Personal rights have no economic value, they relate to a person’s reputation or status. Similarly the rights of freedom and citizenship are his personal rights. Proprietary rights have economic value and juridical significance.
Proprietary rights are those rights which relate to one’s property and personal rights belong to his person. In other words, the former has a reference to the estate while the latter, in opposition to the former, consists in the status.
Some jurists distinguish between proprietary and personal rights by defining proprietary rights as alienable and personal rights as inalienable. But this does not fit in all cases, because certain proprietary rights e.g. right to maintenance, right to pension or lease restricted to the lessee personally are inalienable.
Proprietary rights are inheritable whereas personal rights are uninheritable. Personal rights die with the person concerned. However some personal rights, e.g. hereditary titles are heritable.
(iv) Rights in re propria and rights in re alina—According to Salmond, a right in re aliena or encumbrance is one which emits from some more general right belonging to some other person in respect of the same subject-matter.
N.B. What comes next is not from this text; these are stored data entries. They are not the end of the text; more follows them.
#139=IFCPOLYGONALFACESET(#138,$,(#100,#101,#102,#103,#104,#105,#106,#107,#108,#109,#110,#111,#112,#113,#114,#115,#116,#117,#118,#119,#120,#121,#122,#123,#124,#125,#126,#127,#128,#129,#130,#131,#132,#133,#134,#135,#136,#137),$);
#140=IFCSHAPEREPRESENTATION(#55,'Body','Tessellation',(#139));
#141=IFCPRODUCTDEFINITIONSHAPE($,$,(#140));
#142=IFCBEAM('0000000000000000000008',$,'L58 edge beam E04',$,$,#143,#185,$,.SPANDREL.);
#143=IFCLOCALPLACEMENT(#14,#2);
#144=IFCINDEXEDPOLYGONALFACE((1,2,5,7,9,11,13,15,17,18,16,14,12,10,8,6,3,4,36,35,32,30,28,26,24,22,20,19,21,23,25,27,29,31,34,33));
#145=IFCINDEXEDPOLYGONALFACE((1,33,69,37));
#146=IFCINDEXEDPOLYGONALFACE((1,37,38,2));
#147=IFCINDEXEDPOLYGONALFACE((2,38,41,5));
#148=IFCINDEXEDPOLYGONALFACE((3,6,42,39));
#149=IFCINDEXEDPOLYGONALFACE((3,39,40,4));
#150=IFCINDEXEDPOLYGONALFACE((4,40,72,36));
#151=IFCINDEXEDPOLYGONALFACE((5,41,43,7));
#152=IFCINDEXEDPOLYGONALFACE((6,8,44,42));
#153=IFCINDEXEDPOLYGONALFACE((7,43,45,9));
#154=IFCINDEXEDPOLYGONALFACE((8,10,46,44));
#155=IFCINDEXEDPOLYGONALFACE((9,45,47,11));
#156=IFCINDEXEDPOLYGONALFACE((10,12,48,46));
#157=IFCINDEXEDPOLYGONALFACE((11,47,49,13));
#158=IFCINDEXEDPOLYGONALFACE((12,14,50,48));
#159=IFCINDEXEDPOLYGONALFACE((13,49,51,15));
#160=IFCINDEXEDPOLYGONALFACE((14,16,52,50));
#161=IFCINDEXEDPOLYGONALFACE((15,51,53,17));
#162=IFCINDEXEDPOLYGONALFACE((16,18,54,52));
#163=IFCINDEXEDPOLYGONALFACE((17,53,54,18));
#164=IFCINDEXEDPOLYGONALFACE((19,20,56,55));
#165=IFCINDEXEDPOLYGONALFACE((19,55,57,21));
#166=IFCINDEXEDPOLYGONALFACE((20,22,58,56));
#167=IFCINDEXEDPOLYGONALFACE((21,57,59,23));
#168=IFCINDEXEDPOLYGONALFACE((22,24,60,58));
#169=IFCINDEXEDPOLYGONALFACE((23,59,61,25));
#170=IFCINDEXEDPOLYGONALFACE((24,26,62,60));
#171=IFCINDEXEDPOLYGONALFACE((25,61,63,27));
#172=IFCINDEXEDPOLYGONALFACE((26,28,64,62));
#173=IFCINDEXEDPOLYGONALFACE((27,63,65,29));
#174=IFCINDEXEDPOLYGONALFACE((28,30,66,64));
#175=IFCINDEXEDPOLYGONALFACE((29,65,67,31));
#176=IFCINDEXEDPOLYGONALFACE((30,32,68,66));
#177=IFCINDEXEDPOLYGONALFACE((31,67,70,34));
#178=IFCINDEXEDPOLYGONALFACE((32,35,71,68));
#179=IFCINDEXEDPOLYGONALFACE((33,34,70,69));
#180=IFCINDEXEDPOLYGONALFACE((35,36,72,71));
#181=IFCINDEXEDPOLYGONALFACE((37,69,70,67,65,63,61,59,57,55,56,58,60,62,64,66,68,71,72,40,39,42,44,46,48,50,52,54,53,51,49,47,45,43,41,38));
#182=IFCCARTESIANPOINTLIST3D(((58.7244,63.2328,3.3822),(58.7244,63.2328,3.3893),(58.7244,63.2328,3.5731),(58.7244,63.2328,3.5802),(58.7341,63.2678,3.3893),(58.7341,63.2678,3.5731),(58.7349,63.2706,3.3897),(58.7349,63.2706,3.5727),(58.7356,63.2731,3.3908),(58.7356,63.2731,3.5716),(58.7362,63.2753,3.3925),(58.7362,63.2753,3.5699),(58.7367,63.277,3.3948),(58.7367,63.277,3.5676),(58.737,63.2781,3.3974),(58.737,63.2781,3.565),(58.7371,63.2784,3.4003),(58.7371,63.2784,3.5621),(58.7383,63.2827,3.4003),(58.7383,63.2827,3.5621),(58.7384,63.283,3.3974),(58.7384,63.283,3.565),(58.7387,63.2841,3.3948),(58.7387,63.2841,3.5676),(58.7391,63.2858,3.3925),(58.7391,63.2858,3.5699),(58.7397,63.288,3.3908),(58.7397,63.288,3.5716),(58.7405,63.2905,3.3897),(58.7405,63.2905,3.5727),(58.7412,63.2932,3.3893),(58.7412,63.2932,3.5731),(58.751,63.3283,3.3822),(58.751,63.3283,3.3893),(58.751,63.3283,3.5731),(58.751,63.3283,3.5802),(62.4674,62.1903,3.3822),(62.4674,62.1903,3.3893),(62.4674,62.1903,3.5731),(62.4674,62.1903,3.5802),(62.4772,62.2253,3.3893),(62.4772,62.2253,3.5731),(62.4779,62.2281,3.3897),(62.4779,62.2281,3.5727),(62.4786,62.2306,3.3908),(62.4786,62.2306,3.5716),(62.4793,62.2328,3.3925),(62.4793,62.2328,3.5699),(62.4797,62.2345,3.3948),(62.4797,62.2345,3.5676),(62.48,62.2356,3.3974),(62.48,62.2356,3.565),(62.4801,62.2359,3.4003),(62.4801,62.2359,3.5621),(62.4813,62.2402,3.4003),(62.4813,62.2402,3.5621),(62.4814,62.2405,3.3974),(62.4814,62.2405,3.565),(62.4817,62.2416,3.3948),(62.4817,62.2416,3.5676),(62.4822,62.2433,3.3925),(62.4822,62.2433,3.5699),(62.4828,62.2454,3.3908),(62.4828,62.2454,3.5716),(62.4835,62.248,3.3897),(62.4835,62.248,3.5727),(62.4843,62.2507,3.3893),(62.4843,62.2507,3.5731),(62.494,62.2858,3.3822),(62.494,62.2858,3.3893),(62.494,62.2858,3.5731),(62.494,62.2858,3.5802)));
All other rights are rights in re propria. According to Salmond, the chief classes of encumbrances are four in number, viz. leases, servitudes, securities and trusts. He defines them as follows:
(i) A lease is the encumbrance of property vested in one man by a right to the possession and use of it vested in another,
(ii) A servitude is a right to the limited use of a piece of land unaccompanied either by ownership or by possession thereof. It may be positive such as a right of way over the neighbour’s field, or negative, e.g., prohibiting his neighbour from building in such a manner as to obstruct light and air to his house.
(iii) A security is an encumbrance vested in a creditor over the property of his debtor for securing the recovery of the debt and the possession of the goods or title deeds is given by the debtor to the creditor.
(iv) A trust is an encumbrance in which the ownership of property is limited by an equitable obligation to deal with it for the benefit of some one else, who is called the beneficiary. The owner of the encumbered property is the trustee, the owner of the encumbrance is the beneficiary.